Bundesverwaltungsgericht

Sprachtest vor dem Ehegattennachzug im Einklang mit Grundgesetz und Europarecht

Das Bundesverwaltungsgericht in Leipzig hat gestern entschieden, dass das Erfordernis einfacher Deutschkenntnisse beim Ehegattennachzug im Einklang mit Grundgesetz und Europarecht ist. Der Klägerin sei es zumutbar, Deutsch zu lernen oder das Familienleben im Ausland fortzuführen.

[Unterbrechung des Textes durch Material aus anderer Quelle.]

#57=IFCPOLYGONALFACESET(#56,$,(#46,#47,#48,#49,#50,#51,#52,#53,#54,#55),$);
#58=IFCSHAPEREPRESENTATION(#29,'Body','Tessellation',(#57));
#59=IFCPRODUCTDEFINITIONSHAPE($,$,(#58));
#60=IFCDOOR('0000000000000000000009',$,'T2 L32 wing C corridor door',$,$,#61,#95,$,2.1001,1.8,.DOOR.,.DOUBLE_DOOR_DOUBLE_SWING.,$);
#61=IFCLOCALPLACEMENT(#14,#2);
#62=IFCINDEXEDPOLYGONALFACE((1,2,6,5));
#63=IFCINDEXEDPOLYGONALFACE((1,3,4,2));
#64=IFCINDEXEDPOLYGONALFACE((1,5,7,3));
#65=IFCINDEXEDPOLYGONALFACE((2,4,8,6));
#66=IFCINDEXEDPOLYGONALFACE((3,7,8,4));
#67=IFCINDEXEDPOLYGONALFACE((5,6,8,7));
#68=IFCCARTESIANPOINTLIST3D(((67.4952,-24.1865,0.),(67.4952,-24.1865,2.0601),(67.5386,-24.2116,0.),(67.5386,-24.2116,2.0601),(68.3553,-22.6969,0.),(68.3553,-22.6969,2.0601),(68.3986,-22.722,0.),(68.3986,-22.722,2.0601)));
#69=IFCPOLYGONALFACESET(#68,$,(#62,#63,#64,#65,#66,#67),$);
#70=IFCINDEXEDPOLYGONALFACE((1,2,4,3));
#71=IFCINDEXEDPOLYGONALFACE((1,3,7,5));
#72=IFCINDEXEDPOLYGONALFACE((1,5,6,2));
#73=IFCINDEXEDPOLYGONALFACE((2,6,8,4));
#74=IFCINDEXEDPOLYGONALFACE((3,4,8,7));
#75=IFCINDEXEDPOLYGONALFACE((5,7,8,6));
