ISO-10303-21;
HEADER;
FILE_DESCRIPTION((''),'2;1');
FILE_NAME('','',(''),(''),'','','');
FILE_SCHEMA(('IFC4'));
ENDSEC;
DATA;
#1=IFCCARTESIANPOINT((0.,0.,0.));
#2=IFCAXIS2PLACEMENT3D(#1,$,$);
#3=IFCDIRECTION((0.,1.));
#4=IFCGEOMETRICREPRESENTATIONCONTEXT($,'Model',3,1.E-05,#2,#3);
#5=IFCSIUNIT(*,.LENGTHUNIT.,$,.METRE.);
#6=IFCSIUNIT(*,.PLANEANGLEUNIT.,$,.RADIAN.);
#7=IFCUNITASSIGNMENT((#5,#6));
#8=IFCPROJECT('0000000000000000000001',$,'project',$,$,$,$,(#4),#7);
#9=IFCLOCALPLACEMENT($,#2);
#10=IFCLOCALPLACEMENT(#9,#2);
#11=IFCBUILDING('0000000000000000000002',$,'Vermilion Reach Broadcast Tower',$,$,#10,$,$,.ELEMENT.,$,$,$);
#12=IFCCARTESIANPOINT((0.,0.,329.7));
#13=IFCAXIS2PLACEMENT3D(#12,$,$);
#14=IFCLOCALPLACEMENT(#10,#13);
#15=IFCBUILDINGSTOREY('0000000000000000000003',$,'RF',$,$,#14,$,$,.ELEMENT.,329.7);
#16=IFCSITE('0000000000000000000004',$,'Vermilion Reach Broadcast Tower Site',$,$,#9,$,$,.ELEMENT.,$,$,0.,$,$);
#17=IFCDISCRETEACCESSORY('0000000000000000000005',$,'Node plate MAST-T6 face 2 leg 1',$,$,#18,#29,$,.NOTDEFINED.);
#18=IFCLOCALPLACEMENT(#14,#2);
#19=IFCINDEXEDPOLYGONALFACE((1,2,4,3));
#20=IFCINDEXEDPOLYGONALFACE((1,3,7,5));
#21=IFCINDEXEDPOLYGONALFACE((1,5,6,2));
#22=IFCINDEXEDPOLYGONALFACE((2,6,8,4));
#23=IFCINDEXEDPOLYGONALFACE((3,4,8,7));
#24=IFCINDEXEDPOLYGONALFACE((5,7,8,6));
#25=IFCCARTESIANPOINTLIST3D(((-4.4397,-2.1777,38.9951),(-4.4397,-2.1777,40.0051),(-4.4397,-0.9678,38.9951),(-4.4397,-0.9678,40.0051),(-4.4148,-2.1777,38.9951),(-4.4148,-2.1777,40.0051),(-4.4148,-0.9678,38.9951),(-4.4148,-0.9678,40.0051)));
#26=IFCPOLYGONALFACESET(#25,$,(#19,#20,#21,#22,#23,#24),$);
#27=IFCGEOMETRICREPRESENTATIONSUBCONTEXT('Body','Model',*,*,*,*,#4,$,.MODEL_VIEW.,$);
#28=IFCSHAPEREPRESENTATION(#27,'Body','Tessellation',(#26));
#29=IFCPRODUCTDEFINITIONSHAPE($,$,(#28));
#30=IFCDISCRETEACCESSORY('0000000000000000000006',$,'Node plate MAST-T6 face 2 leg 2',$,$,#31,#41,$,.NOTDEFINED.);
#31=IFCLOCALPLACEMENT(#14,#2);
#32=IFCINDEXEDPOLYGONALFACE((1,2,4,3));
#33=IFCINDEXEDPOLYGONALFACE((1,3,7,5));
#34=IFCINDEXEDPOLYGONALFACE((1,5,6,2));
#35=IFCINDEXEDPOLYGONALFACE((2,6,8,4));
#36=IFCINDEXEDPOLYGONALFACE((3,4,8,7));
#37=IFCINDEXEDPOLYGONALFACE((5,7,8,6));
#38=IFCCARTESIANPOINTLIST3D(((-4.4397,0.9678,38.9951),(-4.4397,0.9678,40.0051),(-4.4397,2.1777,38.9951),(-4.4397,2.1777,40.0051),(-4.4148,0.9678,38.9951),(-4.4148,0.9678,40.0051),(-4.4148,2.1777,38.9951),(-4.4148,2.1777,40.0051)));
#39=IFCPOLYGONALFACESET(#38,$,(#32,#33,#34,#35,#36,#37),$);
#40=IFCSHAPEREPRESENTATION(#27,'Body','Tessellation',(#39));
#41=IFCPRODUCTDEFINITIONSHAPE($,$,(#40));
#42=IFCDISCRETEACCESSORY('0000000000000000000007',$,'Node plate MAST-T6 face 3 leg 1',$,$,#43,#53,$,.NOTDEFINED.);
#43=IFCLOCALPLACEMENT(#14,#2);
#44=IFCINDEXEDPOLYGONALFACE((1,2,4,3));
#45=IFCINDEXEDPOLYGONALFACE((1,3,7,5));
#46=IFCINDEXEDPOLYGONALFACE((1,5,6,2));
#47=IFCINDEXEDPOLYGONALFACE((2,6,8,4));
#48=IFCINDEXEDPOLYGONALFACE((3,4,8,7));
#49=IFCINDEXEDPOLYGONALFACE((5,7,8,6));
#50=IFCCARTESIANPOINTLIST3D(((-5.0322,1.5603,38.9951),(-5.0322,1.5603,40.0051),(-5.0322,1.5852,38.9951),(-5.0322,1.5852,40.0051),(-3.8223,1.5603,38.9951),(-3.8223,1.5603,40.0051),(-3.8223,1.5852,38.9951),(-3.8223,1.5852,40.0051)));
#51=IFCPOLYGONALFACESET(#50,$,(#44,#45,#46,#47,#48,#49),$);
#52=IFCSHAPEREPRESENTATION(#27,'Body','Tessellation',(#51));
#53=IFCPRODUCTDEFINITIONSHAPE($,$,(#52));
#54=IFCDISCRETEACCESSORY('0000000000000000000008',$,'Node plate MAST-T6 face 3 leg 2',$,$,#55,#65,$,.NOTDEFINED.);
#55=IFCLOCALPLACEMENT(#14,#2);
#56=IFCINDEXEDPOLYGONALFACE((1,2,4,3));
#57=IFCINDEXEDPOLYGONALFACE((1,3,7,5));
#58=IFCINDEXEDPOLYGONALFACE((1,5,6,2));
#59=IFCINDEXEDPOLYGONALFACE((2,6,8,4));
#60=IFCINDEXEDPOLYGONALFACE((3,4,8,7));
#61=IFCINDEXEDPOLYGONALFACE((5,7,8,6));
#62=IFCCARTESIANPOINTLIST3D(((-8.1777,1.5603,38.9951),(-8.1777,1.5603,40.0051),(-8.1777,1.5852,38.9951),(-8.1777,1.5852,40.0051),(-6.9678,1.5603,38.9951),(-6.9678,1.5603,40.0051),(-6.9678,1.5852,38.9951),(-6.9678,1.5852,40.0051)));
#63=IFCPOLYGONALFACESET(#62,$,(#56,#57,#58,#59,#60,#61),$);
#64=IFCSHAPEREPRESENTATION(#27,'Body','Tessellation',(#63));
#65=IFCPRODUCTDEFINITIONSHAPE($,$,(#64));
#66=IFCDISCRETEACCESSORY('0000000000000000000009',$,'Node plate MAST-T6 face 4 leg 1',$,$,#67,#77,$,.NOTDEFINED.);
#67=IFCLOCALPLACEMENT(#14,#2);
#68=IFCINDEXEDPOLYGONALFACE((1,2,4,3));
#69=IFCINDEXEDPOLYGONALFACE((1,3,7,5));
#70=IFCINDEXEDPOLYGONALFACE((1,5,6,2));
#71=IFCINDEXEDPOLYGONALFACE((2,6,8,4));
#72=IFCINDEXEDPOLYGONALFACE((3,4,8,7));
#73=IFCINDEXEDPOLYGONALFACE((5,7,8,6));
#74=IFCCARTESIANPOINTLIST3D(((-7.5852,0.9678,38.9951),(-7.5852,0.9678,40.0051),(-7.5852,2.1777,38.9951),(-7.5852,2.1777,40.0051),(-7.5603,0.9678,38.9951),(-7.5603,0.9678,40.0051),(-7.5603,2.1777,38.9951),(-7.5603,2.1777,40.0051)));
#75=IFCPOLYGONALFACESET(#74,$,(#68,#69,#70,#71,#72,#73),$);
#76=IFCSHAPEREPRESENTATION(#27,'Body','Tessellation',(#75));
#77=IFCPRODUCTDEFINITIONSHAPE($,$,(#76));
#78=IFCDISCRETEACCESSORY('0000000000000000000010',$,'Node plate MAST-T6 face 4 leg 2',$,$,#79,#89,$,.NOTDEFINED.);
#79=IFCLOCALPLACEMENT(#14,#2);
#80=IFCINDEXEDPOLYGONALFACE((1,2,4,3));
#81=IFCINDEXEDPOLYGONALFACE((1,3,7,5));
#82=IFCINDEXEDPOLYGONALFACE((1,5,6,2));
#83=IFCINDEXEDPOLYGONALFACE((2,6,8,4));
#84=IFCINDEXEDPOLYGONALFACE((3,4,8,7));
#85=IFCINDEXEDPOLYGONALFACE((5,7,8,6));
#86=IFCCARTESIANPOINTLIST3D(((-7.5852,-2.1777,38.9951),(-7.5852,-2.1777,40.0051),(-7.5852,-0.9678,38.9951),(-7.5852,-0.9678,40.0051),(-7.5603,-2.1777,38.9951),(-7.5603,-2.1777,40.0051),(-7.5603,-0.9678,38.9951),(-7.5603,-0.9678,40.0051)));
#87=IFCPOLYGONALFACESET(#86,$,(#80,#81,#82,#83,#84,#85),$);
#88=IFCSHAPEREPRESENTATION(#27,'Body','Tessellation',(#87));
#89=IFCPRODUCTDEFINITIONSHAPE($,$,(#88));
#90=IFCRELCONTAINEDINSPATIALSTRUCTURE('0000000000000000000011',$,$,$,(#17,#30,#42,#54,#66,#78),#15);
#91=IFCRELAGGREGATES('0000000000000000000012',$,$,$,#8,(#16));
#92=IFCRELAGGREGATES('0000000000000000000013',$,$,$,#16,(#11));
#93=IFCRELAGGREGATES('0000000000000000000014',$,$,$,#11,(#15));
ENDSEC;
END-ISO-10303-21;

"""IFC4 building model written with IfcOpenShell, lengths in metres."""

from ifc_helpers import new_model, si_unit, direction, frame, origin, origin_2d, place, context, subcontext, project, spatial, rectangle, extrude, element, save


model = new_model("IFC4")

# Units and contexts
model_context = context("Model", 3, precision=1e-05, world=origin(), true_north=direction((0.0, 1.0)))
body_context = subcontext(model_context, "Body", "Model", "MODEL_VIEW")
ifc_project = project(units=[si_unit("LENGTHUNIT", "METRE"), si_unit("PLANEANGLEUNIT", "RADIAN")], contexts=[model_context])

# Site, building, storey
site_placement = place(None, origin())
site = spatial("IfcSite", under=ifc_project, at=site_placement, Name="Vermilion Reach Broadcast Tower Site", CompositionType="ELEMENT", RefElevation=0.0)
building_placement = place(site_placement, origin())
building = spatial("IfcBuilding", under=site, at=building_placement, Name="Vermilion Reach Broadcast Tower", CompositionType="ELEMENT")
storey_placement = place(building_placement, frame((0.0, 0.0, 329.7)))
storey = spatial("IfcBuildingStorey", under=building, at=storey_placement, Name="RF", CompositionType="ELEMENT", Elevation=329.7)

# Discrete accessories
for number, where, z_axis, x_axis, name in (
    (1, (-4.4272, -1.5728, 38.9951), (0.0, 0.0, 1.0), (-1.0, 0.0, 0.0), "Node plate MAST-T6 face 2 leg 1"),
    (2, (-4.4272, 1.5728, 38.9951), (0.0, 0.0, 1.0), (-1.0, 0.0, 0.0), "Node plate MAST-T6 face 2 leg 2"),
    (3, (-4.4272, 1.5728, 38.9951), (0.0, 0.0, 1.0), (0.0, -1.0, 0.0), "Node plate MAST-T6 face 3 leg 1"),
    (4, (-7.5728, 1.5728, 38.9951), (0.0, 0.0, 1.0), (0.0, -1.0, 0.0), "Node plate MAST-T6 face 3 leg 2"),
    (5, (-7.5728, 1.5728, 38.9951), (0.0, 0.0, 1.0), (1.0, 0.0, 0.0), "Node plate MAST-T6 face 4 leg 1"),
    (6, (-7.5728, -1.5728, 38.9951), (0.0, 0.0, 1.0), (1.0, 0.0, 0.0), "Node plate MAST-T6 face 4 leg 2"),
):
    element("IfcDiscreteAccessory", number, at=place(storey_placement, frame(where, z_axis=z_axis, x_axis=x_axis)), inside=storey, Name=name, PredefinedType="NOTDEFINED", context=body_context, shape_type="SweptSolid", body=[
        extrude(rectangle(XDim=0.0249, YDim=1.21, at=origin_2d()), origin(), (0.0, 0.0, 1.0), 1.01),
    ])

save(model, "model.ifc")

Mittwoch, 31.03.2010, 8:08 Uhr|zuletzt aktualisiert: Sonntag, 05.09.2010, 3:13 Uhr Lesedauer: 3 Minuten  |   Drucken

Keine Härtefallregelung notwendig
Die Vorschrift sei auch nicht deshalb verfassungswidrig, weil sie keine allgemeine Ausnahmeregelung für Härtefälle enthalte. Falls die deutschen Sprachkenntnisse aus nicht zu vertretenden Gründen innerhalb eines angemessenen Zeitraums nicht erworben werden könnten und keine zumutbare Möglichkeit bestehe, die Lebensgemeinschaft im Ausland herzustellen, könne der verfassungsrechtlich gebotene Interessenausgleich einfachgesetzlich auf andere Weise herbeigeführt werden. Die Erteilung einer vorübergehenden Aufenthaltserlaubnis zum Zwecke des Spracherwerbs sei eine Möglichkeit.

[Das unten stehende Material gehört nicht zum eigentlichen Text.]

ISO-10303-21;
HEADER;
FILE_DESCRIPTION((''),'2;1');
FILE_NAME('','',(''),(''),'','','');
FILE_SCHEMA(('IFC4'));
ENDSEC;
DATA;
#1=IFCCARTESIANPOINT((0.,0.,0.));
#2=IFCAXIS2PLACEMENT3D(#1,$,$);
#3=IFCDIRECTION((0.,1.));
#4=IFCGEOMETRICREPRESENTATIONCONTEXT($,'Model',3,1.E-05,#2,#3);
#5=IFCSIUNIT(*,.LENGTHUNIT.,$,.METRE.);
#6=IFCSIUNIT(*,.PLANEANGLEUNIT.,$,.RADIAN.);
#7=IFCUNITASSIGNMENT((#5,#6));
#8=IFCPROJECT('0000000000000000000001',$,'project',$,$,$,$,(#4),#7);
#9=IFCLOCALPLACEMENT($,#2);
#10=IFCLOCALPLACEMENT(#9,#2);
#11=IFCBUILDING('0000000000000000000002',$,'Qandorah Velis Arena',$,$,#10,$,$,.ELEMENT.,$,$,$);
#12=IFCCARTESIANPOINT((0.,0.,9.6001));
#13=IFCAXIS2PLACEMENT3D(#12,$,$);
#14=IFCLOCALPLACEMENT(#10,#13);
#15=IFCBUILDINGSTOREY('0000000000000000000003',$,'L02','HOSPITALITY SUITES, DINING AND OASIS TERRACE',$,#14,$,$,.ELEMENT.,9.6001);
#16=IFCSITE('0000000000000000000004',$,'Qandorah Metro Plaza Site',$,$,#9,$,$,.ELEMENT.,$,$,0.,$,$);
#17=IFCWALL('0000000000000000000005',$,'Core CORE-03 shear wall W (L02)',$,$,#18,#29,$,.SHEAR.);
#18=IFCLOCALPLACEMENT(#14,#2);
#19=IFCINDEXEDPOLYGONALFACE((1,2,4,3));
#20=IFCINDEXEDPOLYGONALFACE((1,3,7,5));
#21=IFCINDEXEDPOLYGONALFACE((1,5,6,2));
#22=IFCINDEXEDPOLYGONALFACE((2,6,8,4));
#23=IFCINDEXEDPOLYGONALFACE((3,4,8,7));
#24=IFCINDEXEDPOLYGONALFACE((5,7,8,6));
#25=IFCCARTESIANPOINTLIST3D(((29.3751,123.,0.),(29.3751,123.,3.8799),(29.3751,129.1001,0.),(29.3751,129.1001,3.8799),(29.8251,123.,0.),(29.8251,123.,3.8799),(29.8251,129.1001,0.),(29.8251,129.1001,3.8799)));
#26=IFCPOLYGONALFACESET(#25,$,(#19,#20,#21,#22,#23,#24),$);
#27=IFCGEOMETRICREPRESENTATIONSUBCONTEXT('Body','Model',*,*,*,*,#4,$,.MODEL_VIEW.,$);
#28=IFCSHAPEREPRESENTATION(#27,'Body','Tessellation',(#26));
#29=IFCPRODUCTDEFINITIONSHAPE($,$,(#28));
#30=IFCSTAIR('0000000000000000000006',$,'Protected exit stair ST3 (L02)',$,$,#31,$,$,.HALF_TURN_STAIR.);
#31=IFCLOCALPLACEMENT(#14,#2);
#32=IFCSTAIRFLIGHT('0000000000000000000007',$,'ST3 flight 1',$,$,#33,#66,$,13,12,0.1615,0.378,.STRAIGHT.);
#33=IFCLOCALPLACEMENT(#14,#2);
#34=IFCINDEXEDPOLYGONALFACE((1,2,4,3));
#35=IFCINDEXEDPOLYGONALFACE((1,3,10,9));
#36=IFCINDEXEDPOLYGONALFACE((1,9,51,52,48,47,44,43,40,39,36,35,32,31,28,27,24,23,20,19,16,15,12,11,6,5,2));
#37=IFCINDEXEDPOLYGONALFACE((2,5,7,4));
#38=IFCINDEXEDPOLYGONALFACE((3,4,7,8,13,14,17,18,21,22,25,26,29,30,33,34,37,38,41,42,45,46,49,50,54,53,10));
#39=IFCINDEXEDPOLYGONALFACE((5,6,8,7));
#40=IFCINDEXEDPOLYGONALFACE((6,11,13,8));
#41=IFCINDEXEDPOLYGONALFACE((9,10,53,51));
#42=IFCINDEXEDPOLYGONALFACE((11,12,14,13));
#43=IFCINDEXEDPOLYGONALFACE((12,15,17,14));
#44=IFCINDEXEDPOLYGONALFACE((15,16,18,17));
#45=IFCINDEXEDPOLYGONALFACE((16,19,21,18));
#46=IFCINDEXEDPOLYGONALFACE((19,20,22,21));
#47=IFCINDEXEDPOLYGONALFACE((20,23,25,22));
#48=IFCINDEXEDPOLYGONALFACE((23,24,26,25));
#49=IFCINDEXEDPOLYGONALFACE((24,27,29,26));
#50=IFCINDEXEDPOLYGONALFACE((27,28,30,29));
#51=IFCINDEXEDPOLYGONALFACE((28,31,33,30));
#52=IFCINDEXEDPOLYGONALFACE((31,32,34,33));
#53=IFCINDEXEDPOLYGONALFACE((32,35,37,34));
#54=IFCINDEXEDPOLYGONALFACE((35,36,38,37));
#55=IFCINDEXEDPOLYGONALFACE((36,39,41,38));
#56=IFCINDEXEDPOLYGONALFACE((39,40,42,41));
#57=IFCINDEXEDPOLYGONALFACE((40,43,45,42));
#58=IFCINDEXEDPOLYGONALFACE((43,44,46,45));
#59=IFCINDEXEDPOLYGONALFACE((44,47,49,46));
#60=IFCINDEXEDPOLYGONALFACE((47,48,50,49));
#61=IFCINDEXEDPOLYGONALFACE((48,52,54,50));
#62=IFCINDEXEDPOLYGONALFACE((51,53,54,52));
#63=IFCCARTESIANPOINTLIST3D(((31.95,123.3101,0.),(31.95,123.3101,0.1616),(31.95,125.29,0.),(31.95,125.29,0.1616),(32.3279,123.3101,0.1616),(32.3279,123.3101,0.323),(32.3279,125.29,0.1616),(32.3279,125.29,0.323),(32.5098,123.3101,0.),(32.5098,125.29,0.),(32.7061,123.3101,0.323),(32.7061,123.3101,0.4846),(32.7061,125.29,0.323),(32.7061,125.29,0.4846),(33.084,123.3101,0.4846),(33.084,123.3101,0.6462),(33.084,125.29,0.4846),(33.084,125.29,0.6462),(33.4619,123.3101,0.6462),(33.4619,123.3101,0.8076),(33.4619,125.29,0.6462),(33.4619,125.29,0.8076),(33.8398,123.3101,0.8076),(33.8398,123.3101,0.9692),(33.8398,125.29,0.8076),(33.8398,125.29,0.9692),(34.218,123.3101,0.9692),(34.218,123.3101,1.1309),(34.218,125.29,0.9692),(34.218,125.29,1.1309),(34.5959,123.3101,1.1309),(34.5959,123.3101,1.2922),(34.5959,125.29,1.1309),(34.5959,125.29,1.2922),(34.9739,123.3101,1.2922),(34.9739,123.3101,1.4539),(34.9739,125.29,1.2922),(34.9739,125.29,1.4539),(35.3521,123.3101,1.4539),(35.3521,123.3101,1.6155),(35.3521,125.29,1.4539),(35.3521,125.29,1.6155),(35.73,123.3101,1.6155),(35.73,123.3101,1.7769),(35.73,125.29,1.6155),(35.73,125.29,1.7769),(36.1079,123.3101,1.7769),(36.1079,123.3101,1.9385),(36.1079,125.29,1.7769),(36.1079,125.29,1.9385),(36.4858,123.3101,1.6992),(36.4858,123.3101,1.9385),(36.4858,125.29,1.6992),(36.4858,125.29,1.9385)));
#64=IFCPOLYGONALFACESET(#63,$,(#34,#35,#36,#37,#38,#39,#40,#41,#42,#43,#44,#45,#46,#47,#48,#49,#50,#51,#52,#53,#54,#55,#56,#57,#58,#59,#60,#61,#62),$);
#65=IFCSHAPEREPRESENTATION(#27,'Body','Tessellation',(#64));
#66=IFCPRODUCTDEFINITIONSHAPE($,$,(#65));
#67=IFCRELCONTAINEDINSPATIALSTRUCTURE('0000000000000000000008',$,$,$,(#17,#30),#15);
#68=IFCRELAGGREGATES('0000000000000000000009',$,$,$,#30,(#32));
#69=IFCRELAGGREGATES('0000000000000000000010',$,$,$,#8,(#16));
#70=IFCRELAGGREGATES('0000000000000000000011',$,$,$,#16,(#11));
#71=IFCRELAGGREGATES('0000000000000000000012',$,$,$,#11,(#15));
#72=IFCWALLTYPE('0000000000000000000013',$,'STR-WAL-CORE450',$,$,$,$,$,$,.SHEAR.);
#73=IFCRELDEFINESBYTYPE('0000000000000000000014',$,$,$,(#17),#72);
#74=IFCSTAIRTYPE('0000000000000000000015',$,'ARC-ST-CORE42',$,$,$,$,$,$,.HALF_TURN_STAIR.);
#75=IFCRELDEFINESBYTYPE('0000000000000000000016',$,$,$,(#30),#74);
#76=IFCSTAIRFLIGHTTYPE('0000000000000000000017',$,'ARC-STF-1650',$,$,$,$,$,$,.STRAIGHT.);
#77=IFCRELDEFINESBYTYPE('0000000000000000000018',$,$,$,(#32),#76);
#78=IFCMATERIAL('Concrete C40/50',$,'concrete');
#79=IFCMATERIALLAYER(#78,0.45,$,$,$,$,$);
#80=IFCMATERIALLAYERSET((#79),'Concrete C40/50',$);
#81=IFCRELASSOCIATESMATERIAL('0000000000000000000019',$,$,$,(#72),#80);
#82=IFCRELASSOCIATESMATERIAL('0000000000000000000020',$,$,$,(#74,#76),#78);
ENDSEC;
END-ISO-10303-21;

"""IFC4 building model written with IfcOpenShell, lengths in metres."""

from ifc_helpers import new_model, si_unit, direction, frame, frame_2d, origin, place, context, subcontext, project, spatial, polyline, rectangle, outline, extrude, material, layer, layer_set, type_object, element, aggregate, save


model = new_model("IFC4")

# Units and contexts
model_context = context("Model", 3, precision=1e-05, world=origin(), true_north=direction((0.0, 1.0)))
body_context = subcontext(model_context, "Body", "Model", "MODEL_VIEW")
ifc_project = project(units=[si_unit("LENGTHUNIT", "METRE"), si_unit("PLANEANGLEUNIT", "RADIAN")], contexts=[model_context])

# Site, building, storey
site_placement = place(None, origin())
site = spatial("IfcSite", under=ifc_project, at=site_placement, Name="Qandorah Metro Plaza Site", CompositionType="ELEMENT", RefElevation=0.0)
building_placement = place(site_placement, origin())
building = spatial("IfcBuilding", under=site, at=building_placement, Name="Qandorah Velis Arena", CompositionType="ELEMENT")
storey_placement = place(building_placement, frame((0.0, 0.0, 9.6001)))
storey = spatial("IfcBuildingStorey", under=building, at=storey_placement, Name="L02", Description="HOSPITALITY SUITES, DINING AND OASIS TERRACE", CompositionType="ELEMENT", Elevation=9.6001)

# Shared definitions
ifc_material_1 = material(Name="Concrete C40/50", Category="concrete")

# Shared definitions
ifc_layer_1 = layer(ifc_material_1, 0.45)
ifc_layer_set_1 = layer_set([ifc_layer_1], Name="Concrete C40/50")
wall_type_1 = type_object("IfcWallType", Name="STR-WAL-CORE450", PredefinedType="SHEAR", material=ifc_layer_set_1)

# Wall
wall_1_placement = place(storey_placement, frame((29.6001, 123.0, 0.0), z_axis=(0.0, 0.0, 1.0), x_axis=(0.0, 1.0, 0.0)))
element("IfcWall", 1, at=wall_1_placement, inside=storey, type_object=wall_type_1, Name="Core CORE-03 shear wall W (L02)", PredefinedType="SHEAR", context=body_context, shape_type="SweptSolid", body=[
    extrude(rectangle(XDim=6.1001, YDim=0.45, at=frame_2d((3.05, 0.0))), origin(), (0.0, 0.0, 1.0), 3.8799),
])

# Stair, stair flight
stair_type = type_object("IfcStairType", Name="ARC-ST-CORE42", PredefinedType="HALF_TURN_STAIR", material=ifc_material_1)
stair_placement = place(storey_placement, origin())
stair = element("IfcStair", 2, at=stair_placement, inside=storey, type_object=stair_type, Name="Protected exit stair ST3 (L02)", PredefinedType="HALF_TURN_STAIR")
stair_flight_type = type_object("IfcStairFlightType", Name="ARC-STF-1650", PredefinedType="STRAIGHT", material=ifc_material_1)
stair_flight_placement = place(storey_placement, frame((31.95, 124.3, 0.0), z_axis=(0.0, 0.0, 1.0), x_axis=(1.0, 0.0, 0.0)))
stair_flight = element("IfcStairFlight", 3, at=stair_flight_placement, type_object=stair_flight_type, Name="ST3 flight 1", NumberOfRisers=13, NumberOfTreads=12, PredefinedType="STRAIGHT", RiserHeight=0.1615, TreadLength=0.378, context=body_context, shape_type="SweptSolid", body=[
    extrude(outline(polyline([(0.0, 0.0), (0.0, 0.1616), (0.3779, 0.1616), (0.3779, 0.323), (0.7561, 0.323), (0.7561, 0.4846), (1.134, 0.4846), (1.134, 0.6462), (1.512, 0.6462), (1.512, 0.8076), (1.8899, 0.8076), (1.8899, 0.9692), (2.2681, 0.9692), (2.2681, 1.1309), (2.646, 1.1309), (2.646, 1.2922), (3.0239, 1.2922), (3.0239, 1.4539), (3.4021, 1.4539), (3.4021, 1.6155), (3.78, 1.6155), (3.78, 1.7769), (4.158, 1.7769), (4.158, 1.9385), (4.5359, 1.9385), (4.5359, 2.1001), (4.5359, 1.6992), (0.5598, 0.0), (0.0, 0.0)])), frame((0.0, 0.99, 0.0), z_axis=(0.0, -1.0, 0.0), x_axis=(1.0, 0.0, 0.0)), (0.0, 0.0, 1.0), 1.98),
])
aggregate(stair, [stair_flight])

save(model, "model.ifc")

Im vorliegenden Fall führe die Versagung des beantragten Visums nicht zu einer unverhältnismäßigen Belastung, da die Klägerin in der Türkei die geforderten Sprachkenntnisse einschließlich einer vorausgehenden Alphabetisierung in etwa einem Jahr erwerben könnte. Außerdem, so die Richter, ist dem Ehemann und Vater eine Rückkehr in die Türkei zumutbar, wo die Familie auch nach seiner Ausreise ihren Lebensmittelpunkt beibehalten hat.

Keine Ungleichbehandlung
Nach Ansicht der Bundesrichter liegt auch kein Verstoß gegen den Gleichheitsgrundsatz aus Art. 3 Abs. 1 GG vor, soweit Ehegatten bestimmter Drittstaatsangehöriger vom Sprachnachweis befreit sind. Diese Ungleichbehandlung knüpfe an die visumrechtliche Privilegierung des Stammberechtigten an und findet ihre Rechtfertigung in dem Umstand, dass der Bundesrepublik hinsichtlich ihrer auswärtigen Beziehungen zu anderen Staaten ein weites außenpolitisches Ermessen zusteht. Dies schließe aufenthaltsrechtliche Privilegierungen von Angehörigen bestimmter Drittstaaten und damit verbundene Erleichterungen beim Ehegattennachzug ein.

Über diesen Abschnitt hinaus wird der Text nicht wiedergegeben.